Légalement, ils étaient soumis à la protection royale, comme les Juifs, étant des sujets royaux, c'est pourquoi ils vivaient davantage dans des villes sous domination royale.

Les morerías possédaient une mosquée aljama dans les grandes villes ou des petites mosquées de quartier, une boucherie où l'on abattait le bétail à la manière musulmane (halal), un four et même des bains. Autour d’eux régnait une vie commerciale et culturelle trépidante.
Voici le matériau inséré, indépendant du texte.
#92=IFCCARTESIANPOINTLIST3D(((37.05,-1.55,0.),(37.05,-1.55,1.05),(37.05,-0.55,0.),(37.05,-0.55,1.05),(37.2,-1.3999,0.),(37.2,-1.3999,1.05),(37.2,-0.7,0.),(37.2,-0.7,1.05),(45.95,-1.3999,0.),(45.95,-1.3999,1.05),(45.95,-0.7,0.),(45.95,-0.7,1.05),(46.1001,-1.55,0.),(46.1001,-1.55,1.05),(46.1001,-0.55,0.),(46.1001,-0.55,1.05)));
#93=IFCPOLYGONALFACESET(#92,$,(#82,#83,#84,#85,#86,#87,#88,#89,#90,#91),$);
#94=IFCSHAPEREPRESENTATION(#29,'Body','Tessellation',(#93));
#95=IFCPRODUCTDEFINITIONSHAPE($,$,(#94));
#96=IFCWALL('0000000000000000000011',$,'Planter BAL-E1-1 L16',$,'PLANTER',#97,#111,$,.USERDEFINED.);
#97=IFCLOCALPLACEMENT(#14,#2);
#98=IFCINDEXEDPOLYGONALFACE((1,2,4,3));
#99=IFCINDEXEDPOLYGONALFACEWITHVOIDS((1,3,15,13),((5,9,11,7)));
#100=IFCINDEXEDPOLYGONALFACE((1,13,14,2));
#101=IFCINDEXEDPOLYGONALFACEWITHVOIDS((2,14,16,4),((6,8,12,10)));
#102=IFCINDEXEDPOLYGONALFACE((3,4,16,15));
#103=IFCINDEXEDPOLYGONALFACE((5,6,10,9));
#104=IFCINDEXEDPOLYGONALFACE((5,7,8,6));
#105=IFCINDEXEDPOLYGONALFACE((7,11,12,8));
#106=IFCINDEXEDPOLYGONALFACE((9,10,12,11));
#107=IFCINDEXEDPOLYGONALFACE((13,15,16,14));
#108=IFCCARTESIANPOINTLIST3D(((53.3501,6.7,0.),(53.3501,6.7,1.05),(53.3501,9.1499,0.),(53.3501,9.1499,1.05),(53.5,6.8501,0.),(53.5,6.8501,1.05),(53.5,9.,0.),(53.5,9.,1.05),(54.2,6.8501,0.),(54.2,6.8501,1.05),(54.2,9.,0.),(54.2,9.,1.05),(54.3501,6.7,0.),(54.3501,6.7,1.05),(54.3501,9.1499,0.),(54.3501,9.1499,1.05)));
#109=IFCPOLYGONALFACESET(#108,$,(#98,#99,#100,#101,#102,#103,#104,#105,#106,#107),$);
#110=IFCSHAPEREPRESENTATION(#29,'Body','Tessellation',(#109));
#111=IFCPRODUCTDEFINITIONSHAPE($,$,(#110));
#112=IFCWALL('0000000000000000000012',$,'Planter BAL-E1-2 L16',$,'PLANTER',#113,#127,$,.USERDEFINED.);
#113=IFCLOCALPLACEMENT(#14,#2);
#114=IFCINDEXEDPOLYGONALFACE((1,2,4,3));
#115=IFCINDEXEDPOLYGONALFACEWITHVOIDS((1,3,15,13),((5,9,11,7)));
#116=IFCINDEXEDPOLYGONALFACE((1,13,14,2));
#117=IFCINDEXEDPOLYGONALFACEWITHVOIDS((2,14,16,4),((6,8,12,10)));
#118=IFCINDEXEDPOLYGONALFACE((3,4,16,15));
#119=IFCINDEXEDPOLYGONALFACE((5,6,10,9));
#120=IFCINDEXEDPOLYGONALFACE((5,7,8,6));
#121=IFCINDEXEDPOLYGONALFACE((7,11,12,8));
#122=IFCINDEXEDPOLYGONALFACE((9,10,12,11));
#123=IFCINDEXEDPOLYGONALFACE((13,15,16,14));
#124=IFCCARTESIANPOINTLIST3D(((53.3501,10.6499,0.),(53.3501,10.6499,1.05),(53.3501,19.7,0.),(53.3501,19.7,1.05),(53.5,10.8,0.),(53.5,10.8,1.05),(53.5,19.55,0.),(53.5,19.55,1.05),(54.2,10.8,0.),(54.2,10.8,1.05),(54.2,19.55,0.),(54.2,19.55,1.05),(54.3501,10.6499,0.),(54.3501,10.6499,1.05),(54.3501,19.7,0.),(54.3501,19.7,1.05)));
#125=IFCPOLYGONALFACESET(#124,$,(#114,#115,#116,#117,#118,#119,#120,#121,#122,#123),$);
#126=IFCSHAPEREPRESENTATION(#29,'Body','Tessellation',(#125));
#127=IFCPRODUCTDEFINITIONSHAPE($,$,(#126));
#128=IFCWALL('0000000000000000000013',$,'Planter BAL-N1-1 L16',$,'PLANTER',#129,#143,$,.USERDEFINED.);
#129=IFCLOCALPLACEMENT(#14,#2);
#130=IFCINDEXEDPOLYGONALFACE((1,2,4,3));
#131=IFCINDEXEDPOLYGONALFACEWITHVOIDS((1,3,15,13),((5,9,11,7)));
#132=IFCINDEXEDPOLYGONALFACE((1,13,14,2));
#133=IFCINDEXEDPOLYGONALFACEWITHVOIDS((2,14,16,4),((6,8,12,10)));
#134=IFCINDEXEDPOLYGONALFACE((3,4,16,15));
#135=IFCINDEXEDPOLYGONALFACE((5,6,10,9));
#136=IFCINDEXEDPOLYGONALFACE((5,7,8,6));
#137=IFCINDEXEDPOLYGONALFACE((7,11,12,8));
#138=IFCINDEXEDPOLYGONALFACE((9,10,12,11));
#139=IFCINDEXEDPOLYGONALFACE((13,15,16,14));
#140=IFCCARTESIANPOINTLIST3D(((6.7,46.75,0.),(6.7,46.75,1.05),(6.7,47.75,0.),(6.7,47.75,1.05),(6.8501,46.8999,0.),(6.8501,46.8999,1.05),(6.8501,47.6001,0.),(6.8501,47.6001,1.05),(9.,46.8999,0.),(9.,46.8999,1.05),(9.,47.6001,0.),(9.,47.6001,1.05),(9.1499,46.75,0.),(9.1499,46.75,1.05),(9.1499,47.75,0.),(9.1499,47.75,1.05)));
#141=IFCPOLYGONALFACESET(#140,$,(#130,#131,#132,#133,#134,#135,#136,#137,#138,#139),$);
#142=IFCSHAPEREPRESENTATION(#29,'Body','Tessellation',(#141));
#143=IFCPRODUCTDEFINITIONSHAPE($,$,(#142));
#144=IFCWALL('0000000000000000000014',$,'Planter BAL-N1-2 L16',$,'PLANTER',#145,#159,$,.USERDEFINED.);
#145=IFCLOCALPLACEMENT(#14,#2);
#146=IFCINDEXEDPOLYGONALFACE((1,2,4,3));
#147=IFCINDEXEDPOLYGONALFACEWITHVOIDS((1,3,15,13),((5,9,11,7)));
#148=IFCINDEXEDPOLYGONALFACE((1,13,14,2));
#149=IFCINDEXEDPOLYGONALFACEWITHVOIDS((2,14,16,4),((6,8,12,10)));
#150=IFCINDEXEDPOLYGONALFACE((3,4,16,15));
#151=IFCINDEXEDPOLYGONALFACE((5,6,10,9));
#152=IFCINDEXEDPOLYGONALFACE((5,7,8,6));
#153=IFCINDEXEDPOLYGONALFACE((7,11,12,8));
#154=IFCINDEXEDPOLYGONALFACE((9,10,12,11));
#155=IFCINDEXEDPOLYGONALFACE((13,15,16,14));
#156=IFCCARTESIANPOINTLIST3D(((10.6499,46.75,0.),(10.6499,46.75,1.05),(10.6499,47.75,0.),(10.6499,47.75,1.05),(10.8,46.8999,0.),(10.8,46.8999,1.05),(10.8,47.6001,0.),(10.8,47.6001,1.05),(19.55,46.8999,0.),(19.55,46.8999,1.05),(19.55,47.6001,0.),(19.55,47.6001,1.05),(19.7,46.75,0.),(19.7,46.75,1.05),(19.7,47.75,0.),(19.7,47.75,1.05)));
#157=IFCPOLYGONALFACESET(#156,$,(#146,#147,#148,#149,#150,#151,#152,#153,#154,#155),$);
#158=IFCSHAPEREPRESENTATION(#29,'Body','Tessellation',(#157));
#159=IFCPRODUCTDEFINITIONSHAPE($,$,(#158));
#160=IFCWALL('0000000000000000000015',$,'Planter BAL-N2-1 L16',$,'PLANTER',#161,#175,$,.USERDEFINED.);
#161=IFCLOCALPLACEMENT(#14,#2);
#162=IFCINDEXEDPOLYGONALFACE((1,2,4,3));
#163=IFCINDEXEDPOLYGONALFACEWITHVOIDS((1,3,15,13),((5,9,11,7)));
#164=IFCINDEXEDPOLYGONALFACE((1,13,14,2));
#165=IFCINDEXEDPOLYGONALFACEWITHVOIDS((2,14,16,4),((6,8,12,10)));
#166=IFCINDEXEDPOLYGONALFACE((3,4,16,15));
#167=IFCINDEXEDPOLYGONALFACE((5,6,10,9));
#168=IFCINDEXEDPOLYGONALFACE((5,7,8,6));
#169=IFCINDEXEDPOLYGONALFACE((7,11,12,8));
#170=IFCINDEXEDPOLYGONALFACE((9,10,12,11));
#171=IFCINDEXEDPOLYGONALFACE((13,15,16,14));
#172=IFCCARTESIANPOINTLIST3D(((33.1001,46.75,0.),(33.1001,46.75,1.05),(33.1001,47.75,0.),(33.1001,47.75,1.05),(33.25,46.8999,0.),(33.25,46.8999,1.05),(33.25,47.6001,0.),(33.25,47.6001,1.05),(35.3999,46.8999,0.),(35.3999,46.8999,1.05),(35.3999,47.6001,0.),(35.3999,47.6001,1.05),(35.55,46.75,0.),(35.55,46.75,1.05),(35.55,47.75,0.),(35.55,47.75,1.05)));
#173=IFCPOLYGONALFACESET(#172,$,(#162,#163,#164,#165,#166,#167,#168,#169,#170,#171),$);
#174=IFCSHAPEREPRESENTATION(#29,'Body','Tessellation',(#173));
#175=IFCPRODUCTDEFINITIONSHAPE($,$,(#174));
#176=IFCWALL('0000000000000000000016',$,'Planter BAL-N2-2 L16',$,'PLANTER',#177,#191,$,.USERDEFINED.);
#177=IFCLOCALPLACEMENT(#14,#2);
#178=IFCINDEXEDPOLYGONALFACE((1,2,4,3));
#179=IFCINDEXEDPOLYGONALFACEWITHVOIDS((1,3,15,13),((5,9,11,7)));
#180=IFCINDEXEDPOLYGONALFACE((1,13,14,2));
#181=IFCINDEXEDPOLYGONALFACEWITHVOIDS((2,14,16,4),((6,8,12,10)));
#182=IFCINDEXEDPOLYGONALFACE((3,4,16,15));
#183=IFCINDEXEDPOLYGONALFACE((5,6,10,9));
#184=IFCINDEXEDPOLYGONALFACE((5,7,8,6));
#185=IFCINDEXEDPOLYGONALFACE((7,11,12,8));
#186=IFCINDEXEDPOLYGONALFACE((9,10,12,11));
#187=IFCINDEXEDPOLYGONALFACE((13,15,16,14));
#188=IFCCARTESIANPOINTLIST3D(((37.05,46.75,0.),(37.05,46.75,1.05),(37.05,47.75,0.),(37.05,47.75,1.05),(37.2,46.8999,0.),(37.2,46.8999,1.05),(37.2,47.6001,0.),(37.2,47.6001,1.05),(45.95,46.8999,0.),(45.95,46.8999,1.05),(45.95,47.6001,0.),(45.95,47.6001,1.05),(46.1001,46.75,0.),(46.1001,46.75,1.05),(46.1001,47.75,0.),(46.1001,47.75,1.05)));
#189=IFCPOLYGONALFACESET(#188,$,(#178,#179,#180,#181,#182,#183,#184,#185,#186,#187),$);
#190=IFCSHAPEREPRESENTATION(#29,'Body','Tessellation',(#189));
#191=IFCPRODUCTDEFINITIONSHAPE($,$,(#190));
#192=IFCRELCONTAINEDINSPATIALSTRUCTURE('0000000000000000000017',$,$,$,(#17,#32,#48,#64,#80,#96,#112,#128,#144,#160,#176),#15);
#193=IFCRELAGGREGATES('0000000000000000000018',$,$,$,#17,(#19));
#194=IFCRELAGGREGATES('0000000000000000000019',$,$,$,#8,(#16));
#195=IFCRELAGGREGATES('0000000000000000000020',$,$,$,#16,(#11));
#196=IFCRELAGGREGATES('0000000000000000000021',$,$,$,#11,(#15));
Le représentant en Castille de toutes ces communautés mudéjares était celui appelé en arabe « Qādā al-Qudā », c'est-à-dire le « Cadí des cadíes ou le « Maire Maire de toutes les Aljamas de Castilla[3] » qui étaient détenues par des familles. comme les Belvís et les Xarafíes.

En dessous se trouvaient les « grands gardiens » et, dans les catégories inférieures, les délégués (na'ibs), les zalmedinas, les « scribes Moro », les « langues ou traducteurs » et les almotacènes, éventuellement appuyés par un conseil de notables.

Dans les zones frontalières, il y avait même un juge ou « alcaide des Maures et des Chrétiens » qui garantissait l'intégrité des captifs musulmans, généralement nasrides, capturés sur le territoire castillan. En tant que musulmans, les mudéjars pratiquaient une solidarité de fraternité islamique avec ces captifs nasrides, payant même la rançon pour leur libération par le biais d'une collecte parmi les membres d'une mosquée et de la communauté (aljama).

Inscription religieuse au pouvoir bienfaisant : Al-Mulk Li-l-Lah (« Le pouvoir appartient à Dieu ». Monastère de la Résurrection des Chanoinesses du Saint-Sépulcre (Saragosse). Style coufique mudéjar, XIVe siècle.

La langue arabe dans sa variante dialectale andalouse a continué à être utilisée par ces mudéjars, mais elle a cependant été progressivement perdue en Castille et remplacée par l'aljamiado, un castillan hautement arabisé écrit en caractères arabes.

Cette acculturation s'est produite surtout dans les endroits où les mudéjars étaient en proportion assez faible, comme les grandes villes du centre et du nord du royaume de Castille.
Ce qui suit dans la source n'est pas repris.